У Милетты тоже было немало причин выглядеть озабоченной: Мариус в ближайшем будущем подлежал рекрутскому набору, и это вызывало ужас у бедной матери. Она была обеспокоена участью, какую судьба готовила молодому человеку; она испытывала потрясение при мысли, что перед ней возникнет необходимость признаться сыну в действительно занимаемом ею положении; она опасалась, что Мариус будет немало удивлен, узнав тайну подлинных отношений бывшего грузчика и его служанки; она краснела и дрожала от одной только мысли, что ей надо будет признаться сыну в том, кто его настоящий отец, и рассказать о своем бывшем муже и образе его жизни; она начала понимать, что, как бы ни была велика вина того человека, ее собственное поведение было не в меньшей степени достойно осуждения, и душу Милетты стали терзать угрызения совести; она постоянно спрашивала себя, не послужит ли ей первым наказанием проклятие того, кому она дала жизнь.
Мариус опасался наступления зимы, ибо теперь мадемуазель Риуф должна была реже появляться в шале.

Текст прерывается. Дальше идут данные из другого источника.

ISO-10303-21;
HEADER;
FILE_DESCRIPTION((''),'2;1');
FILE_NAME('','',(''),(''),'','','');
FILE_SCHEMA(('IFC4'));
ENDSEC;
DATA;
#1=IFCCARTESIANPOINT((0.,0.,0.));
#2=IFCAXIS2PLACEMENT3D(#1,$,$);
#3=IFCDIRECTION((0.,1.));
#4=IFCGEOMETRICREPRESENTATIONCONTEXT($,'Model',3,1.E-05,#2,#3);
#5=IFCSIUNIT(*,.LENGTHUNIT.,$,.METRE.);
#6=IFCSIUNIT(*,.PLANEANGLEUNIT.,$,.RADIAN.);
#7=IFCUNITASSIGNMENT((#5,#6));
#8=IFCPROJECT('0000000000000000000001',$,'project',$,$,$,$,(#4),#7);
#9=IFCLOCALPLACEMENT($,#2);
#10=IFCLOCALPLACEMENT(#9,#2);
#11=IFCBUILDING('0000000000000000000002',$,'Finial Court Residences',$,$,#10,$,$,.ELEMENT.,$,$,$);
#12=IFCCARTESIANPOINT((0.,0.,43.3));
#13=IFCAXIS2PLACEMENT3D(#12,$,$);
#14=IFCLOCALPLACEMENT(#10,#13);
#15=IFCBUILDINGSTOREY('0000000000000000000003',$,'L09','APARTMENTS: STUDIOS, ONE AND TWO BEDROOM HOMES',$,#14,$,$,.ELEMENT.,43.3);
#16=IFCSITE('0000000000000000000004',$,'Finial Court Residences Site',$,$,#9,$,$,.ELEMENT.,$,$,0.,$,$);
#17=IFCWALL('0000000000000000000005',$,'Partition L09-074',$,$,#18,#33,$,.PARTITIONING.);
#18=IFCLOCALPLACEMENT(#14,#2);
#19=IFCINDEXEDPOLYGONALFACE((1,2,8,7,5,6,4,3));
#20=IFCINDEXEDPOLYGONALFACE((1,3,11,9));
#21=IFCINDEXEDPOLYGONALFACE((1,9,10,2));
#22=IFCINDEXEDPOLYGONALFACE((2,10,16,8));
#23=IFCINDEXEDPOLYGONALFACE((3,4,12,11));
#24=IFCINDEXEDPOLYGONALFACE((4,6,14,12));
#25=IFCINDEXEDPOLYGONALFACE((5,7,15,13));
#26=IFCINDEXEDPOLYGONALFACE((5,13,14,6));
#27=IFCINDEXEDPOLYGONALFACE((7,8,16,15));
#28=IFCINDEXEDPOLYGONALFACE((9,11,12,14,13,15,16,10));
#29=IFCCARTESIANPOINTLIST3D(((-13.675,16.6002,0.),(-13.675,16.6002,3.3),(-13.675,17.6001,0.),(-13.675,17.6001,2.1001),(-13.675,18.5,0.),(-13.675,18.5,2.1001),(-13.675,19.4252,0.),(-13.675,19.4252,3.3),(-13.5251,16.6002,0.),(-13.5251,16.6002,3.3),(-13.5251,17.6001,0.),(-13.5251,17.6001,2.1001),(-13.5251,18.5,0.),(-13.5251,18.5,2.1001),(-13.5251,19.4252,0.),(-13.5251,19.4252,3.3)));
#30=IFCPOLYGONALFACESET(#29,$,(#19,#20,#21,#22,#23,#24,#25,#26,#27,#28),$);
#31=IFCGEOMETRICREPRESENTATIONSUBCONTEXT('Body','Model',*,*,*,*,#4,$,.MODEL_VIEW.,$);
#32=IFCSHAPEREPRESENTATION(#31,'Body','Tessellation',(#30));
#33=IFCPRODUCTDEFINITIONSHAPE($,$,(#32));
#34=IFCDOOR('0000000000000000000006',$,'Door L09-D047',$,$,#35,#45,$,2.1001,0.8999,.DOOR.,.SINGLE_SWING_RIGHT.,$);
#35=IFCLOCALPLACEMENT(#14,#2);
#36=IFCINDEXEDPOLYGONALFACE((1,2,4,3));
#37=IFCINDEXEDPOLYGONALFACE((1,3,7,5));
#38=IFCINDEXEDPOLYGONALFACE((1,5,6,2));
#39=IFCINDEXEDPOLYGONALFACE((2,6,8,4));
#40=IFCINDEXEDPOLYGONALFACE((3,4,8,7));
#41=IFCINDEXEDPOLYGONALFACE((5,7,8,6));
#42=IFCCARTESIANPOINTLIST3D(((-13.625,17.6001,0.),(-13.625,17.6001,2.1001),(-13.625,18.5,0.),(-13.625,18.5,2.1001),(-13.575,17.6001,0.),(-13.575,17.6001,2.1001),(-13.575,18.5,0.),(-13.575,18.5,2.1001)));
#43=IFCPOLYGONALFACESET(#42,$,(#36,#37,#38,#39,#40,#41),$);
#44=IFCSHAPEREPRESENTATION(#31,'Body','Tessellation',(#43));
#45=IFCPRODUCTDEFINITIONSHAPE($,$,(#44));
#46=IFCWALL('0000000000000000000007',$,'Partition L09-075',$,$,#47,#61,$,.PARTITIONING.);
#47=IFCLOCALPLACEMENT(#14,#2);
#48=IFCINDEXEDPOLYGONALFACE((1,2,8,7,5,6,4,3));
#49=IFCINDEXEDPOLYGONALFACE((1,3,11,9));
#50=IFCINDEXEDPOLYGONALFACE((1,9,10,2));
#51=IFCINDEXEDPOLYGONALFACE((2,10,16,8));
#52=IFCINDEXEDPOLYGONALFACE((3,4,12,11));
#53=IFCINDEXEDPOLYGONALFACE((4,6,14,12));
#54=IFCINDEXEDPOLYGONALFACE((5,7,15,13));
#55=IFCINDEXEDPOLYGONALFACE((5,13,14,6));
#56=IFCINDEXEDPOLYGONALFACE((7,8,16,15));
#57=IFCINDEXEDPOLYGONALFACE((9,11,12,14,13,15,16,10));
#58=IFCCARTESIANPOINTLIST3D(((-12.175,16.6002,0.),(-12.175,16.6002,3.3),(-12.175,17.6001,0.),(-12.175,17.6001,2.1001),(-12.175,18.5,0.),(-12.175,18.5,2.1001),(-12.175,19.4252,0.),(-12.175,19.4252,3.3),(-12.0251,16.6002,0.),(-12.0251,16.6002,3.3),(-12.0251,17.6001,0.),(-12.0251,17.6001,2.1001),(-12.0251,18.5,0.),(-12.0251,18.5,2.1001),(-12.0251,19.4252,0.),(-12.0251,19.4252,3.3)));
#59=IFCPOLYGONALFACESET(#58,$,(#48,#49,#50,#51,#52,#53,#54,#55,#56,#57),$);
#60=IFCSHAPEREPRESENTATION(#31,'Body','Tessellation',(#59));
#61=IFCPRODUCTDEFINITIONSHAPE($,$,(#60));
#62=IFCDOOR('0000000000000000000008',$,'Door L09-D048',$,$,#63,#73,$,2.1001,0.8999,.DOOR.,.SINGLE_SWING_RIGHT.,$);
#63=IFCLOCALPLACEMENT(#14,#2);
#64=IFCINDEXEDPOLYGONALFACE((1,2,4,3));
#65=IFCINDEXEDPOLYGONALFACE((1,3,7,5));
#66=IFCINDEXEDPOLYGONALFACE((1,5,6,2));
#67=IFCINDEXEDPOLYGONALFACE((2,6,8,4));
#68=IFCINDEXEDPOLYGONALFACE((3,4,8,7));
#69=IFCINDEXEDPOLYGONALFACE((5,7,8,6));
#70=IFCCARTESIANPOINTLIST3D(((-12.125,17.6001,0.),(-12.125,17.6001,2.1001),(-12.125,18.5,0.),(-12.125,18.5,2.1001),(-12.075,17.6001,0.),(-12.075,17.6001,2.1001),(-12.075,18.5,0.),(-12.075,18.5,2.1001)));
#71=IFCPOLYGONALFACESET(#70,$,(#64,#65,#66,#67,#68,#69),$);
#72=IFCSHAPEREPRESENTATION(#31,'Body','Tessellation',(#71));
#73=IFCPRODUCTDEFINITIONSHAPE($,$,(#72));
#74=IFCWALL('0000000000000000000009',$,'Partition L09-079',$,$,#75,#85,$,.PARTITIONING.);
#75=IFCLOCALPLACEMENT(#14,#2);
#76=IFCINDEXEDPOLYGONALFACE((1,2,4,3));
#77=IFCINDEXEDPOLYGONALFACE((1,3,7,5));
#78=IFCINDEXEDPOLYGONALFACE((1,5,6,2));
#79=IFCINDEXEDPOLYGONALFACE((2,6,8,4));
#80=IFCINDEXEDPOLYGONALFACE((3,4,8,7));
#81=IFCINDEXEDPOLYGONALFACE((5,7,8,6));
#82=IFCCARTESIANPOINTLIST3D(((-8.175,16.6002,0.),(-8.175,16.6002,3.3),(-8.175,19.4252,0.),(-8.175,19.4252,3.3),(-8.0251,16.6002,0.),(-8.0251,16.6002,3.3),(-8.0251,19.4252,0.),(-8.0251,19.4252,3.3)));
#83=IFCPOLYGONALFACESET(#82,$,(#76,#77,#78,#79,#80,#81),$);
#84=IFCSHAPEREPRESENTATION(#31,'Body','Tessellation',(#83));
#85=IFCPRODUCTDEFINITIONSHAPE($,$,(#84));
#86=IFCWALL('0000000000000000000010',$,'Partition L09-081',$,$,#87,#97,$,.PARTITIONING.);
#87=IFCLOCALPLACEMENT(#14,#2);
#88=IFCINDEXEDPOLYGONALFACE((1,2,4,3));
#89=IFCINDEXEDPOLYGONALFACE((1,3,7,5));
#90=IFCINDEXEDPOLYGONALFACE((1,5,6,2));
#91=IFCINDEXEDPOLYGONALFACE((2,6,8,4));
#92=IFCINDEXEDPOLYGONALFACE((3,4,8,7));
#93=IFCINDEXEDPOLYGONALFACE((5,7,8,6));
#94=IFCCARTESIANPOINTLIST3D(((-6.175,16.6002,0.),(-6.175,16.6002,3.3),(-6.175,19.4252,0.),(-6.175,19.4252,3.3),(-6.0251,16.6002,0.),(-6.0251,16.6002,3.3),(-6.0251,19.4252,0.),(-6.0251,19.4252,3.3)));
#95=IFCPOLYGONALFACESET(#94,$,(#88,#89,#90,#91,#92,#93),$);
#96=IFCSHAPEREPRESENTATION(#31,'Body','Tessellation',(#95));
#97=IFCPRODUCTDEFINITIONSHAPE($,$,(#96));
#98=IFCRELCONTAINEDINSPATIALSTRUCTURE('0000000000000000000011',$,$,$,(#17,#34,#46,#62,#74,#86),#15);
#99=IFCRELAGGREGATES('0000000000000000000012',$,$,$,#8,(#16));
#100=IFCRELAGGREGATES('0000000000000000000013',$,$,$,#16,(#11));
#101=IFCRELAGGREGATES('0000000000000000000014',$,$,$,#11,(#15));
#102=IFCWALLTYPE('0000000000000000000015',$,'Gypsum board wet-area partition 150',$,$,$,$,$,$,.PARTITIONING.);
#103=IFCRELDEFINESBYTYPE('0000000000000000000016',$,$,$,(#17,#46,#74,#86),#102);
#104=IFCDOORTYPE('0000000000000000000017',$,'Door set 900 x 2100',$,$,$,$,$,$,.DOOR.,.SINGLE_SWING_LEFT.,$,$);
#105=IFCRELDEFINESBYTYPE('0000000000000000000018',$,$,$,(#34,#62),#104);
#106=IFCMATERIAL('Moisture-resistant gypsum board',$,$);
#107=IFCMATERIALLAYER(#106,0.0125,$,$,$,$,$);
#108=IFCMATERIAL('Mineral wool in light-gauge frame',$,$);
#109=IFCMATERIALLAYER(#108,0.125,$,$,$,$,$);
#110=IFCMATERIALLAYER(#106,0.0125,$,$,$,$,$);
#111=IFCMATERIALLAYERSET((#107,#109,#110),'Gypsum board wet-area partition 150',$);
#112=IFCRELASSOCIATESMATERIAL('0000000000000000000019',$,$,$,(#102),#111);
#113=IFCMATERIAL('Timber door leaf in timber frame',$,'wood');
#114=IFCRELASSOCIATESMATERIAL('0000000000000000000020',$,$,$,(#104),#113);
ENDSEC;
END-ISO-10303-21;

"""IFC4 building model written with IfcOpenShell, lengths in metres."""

from ifc_helpers import new_model, si_unit, direction, frame, frame_2d, origin, place, context, subcontext, project, spatial, rectangle, extrude, material, layer, layer_set, type_object, element, fill, save


model = new_model("IFC4")

# Units and contexts
model_context = context("Model", 3, precision=1e-05, world=origin(), true_north=direction((0.0, 1.0)))
body_context = subcontext(model_context, "Body", "Model", "MODEL_VIEW")
ifc_project = project(units=[si_unit("LENGTHUNIT", "METRE"), si_unit("PLANEANGLEUNIT", "RADIAN")], contexts=[model_context])

# Site, building, storey
site_placement = place(None, origin())
site = spatial("IfcSite", under=ifc_project, at=site_placement, Name="Finial Court Residences Site", CompositionType="ELEMENT", RefElevation=0.0)
building_placement = place(site_placement, origin())
building = spatial("IfcBuilding", under=site, at=building_placement, Name="Finial Court Residences", CompositionType="ELEMENT")
storey_placement = place(building_placement, frame((0.0, 0.0, 43.3)))
storey = spatial("IfcBuildingStorey", under=building, at=storey_placement, Name="L09", Description="APARTMENTS: STUDIOS, ONE AND TWO BEDROOM HOMES", CompositionType="ELEMENT", Elevation=43.3)

# Shared definitions
ifc_material_1 = material(Name="Mineral wool in light-gauge frame")

# Walls, openings, doors
ifc_material_2 = material(Name="Moisture-resistant gypsum board")
ifc_layer_1 = layer(ifc_material_2, 0.0125)
ifc_layer_2 = layer(ifc_material_1, 0.125)
ifc_layer_3 = layer(ifc_material_2, 0.0125)
ifc_layer_set_1 = layer_set([ifc_layer_1, ifc_layer_2, ifc_layer_3], Name="Gypsum board wet-area partition 150")
wall_type_1 = type_object("IfcWallType", Name="Gypsum board wet-area partition 150", PredefinedType="PARTITIONING", material=ifc_layer_set_1)
wall_1_placement = place(storey_placement, frame((-13.6001, 16.6001, 0.0), z_axis=(0.0, 0.0, 1.0), x_axis=(0.0, 1.0, 0.0)))
wall_1 = element("IfcWall", 1, at=wall_1_placement, inside=storey, type_object=wall_type_1, Name="Partition L09-074", PredefinedType="PARTITIONING", context=body_context, shape_type="SweptSolid", body=[
    extrude(rectangle(XDim=2.825, YDim=0.1499, at=frame_2d((1.4126, 0.0))), origin(), (0.0, 0.0, 1.0), 3.3),
])
opening_1_placement = place(wall_1_placement, frame((1.0, 0.0, 0.0)))
opening_1 = element("IfcOpeningElement", 2, at=opening_1_placement, cuts=wall_1, PredefinedType="OPENING", context=body_context, shape_type="SweptSolid", body=[
    extrude(rectangle(XDim=0.8999, YDim=2.1001, at=frame_2d((0.45, 1.05))), frame((0.0, 0.085, 0.0), z_axis=(0.0, -1.0, 0.0), x_axis=(1.0, 0.0, 0.0)), (0.0, 0.0, 1.0), 0.1699),
])
ifc_material_3 = material(Name="Timber door leaf in timber frame", Category="wood")
door_type_1 = type_object("IfcDoorType", Name="Door set 900 x 2100", OperationType="SINGLE_SWING_LEFT", PredefinedType="DOOR", material=ifc_material_3)
door_1_placement = place(opening_1_placement, origin())
door_1 = element("IfcDoor", 3, at=door_1_placement, inside=storey, type_object=door_type_1, Name="Door L09-D047", OperationType="SINGLE_SWING_RIGHT", OverallHeight=2.1001, OverallWidth=0.8999, PredefinedType="DOOR", context=body_context, shape_type="SweptSolid", body=[
    extrude(rectangle(XDim=0.8999, YDim=2.1001, at=frame_2d((0.45, 1.05))), frame((0.0, 0.0249, 0.0), z_axis=(0.0, -1.0, 0.0), x_axis=(1.0, 0.0, 0.0)), (0.0, 0.0, 1.0), 0.05),
])
fill(opening_1, door_1)
wall_2_placement = place(storey_placement, frame((-12.1001, 16.6001, 0.0), z_axis=(0.0, 0.0, 1.0), x_axis=(0.0, 1.0, 0.0)))
wall_2 = element("IfcWall", 4, at=wall_2_placement, inside=storey, type_object=wall_type_1, Name="Partition L09-075", PredefinedType="PARTITIONING", context=body_context, shape_type="SweptSolid", body=[
    extrude(rectangle(XDim=2.825, YDim=0.1499, at=frame_2d((1.4126, 0.0))), origin(), (0.0, 0.0, 1.0), 3.3),
])
opening_2_placement = place(wall_2_placement, frame((1.0, 0.0, 0.0)))
opening_2 = element("IfcOpeningElement", 5, at=opening_2_placement, cuts=wall_2, PredefinedType="OPENING", context=body_context, shape_type="SweptSolid", body=[
    extrude(rectangle(XDim=0.8999, YDim=2.1001, at=frame_2d((0.45, 1.05))), frame((0.0, 0.085, 0.0), z_axis=(0.0, -1.0, 0.0), x_axis=(1.0, 0.0, 0.0)), (0.0, 0.0, 1.0), 0.1699),
])
door_2_placement = place(opening_2_placement, origin())
door_2 = element("IfcDoor", 6, at=door_2_placement, inside=storey, type_object=door_type_1, Name="Door L09-D048", OperationType="SINGLE_SWING_RIGHT", OverallHeight=2.1001, OverallWidth=0.8999, PredefinedType="DOOR", context=body_context, shape_type="SweptSolid", body=[
    extrude(rectangle(XDim=0.8999, YDim=2.1001, at=frame_2d((0.45, 1.05))), frame((0.0, 0.0249, 0.0), z_axis=(0.0, -1.0, 0.0), x_axis=(1.0, 0.0, 0.0)), (0.0, 0.0, 1.0), 0.05),
])
fill(opening_2, door_2)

Несмотря на проницательность, обычно приписываемую женщинам, Мадлен ровным счетом ничего не уловила из тех чувств, какие так тщательно скрывал от нее молодой человек, и потому испытывала уныние и ту усталость, что следует за разочарованиями; она собственными руками строила этот роман, но могла уловить лишь тень главного героя; напрасно она старалась пренебречь своими печалями, повторяя себе, что Провидение в конце концов оказалось гораздо мудрее ее, отдав предпочтение разуму перед лицом той слабости, какой она поддалась; но ей никак не удавалось внушить своему сердцу такую философию: оно кровоточило. Ее чувства были слишком возвышенными, чтобы можно было позволить обратить их в заурядную досаду, однако от этих переживаний она становилась все более печальной, задумчивой и болезненной; воспользовавшись расположенностью к этому брата, возраставшей с каждым днем, она поручила ему управление торговым домом, чтобы иметь возможность провести в Монредоне последние прекрасные дни осени.